What advice would you give to recent film school graduates?

I think you can come out of a six-month program and become a production assistant, or you can come out of a two-year program and become a production assistant. In some ways, you're always going to start at the bottom, work your way up and have to prove that you're better than everyone else around you—so what you need to do is force your institution to be involved in your journey. The relationships that you build while you're in school, the internships you have...you need to constantly call on those people to be an active participant in your progress. Those people have contacts, they have insight into your first film, into your third film, into your tenth film. I have people who come to me for decades, and as well they should, because this isn't a road that ends. It certainly isn't a road that has ended for me; every time I make a film, I'm learning something new.

I think that film schools have done an abysmal job of making a promise to their graduates that they are a partner in this endeavor, and I think the tie-in to that is going to come in the end when the students say, "My investment wasn't $100,000 in the couple of years I spent with you, but in the fact that I am a graduate of this program and in that sense, we are partners in my journey as a filmmaker."

 

Katie Bieze received her MA in Film & Video from American University, and her BA in Literature with Certificates in Documentary Studies and Film/Video/Digital from Duke University. She currently works for Share Our Strength, a nonprofit organization working to end childhood hunger in the United States. 
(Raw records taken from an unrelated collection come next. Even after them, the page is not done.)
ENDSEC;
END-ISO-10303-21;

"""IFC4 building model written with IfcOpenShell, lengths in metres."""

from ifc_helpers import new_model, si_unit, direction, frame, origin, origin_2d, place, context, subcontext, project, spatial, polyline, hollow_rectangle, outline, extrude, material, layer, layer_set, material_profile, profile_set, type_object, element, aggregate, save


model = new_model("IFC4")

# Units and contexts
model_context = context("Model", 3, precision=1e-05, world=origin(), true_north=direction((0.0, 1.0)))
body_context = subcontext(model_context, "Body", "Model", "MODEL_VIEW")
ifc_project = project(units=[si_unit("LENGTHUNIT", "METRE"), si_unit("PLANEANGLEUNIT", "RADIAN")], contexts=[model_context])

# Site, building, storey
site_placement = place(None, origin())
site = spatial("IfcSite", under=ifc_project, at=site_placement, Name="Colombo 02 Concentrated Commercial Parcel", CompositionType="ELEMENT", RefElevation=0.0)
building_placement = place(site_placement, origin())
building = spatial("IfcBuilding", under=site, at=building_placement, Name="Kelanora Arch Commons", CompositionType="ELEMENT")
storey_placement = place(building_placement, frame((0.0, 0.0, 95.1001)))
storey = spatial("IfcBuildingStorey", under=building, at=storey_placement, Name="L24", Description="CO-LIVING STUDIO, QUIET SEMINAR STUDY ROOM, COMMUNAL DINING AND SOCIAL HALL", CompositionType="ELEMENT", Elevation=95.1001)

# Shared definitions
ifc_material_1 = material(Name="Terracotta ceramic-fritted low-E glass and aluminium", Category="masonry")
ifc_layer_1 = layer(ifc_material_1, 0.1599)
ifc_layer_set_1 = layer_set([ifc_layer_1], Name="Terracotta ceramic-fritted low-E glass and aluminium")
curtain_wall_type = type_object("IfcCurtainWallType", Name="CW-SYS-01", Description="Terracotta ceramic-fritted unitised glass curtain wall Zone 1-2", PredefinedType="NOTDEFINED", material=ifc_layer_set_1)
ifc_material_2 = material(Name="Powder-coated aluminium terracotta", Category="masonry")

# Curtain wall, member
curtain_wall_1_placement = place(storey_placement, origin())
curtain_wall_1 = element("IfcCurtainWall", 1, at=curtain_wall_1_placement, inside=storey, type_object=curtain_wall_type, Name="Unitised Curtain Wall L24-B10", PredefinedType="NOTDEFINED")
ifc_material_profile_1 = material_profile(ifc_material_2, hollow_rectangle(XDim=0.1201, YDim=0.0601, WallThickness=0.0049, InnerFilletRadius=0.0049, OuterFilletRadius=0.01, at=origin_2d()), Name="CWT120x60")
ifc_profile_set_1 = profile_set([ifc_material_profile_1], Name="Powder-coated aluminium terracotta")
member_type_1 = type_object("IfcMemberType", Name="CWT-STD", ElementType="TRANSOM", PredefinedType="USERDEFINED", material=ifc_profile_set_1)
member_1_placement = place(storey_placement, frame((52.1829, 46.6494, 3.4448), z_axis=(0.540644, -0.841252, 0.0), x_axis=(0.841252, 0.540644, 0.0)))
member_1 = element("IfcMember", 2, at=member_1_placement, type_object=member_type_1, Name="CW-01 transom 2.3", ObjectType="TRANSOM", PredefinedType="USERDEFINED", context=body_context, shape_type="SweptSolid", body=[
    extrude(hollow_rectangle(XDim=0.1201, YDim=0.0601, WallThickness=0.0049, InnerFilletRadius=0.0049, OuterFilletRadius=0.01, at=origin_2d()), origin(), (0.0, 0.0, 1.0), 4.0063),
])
The Documentary Center at George Washington University: Institute for Documentary Filmmaking

Duration of Program: Six Months—January through June

Degree Offered: Graduate Certificate in Documentary Filmmaking

Components of Program: Theory, Technical Training, Production

Number of Students: 15-18

Internship Placement Opportunities: National Geographic Television, Discovery Communications, WETA, as well as with many highly experienced independent filmmakers and production companies.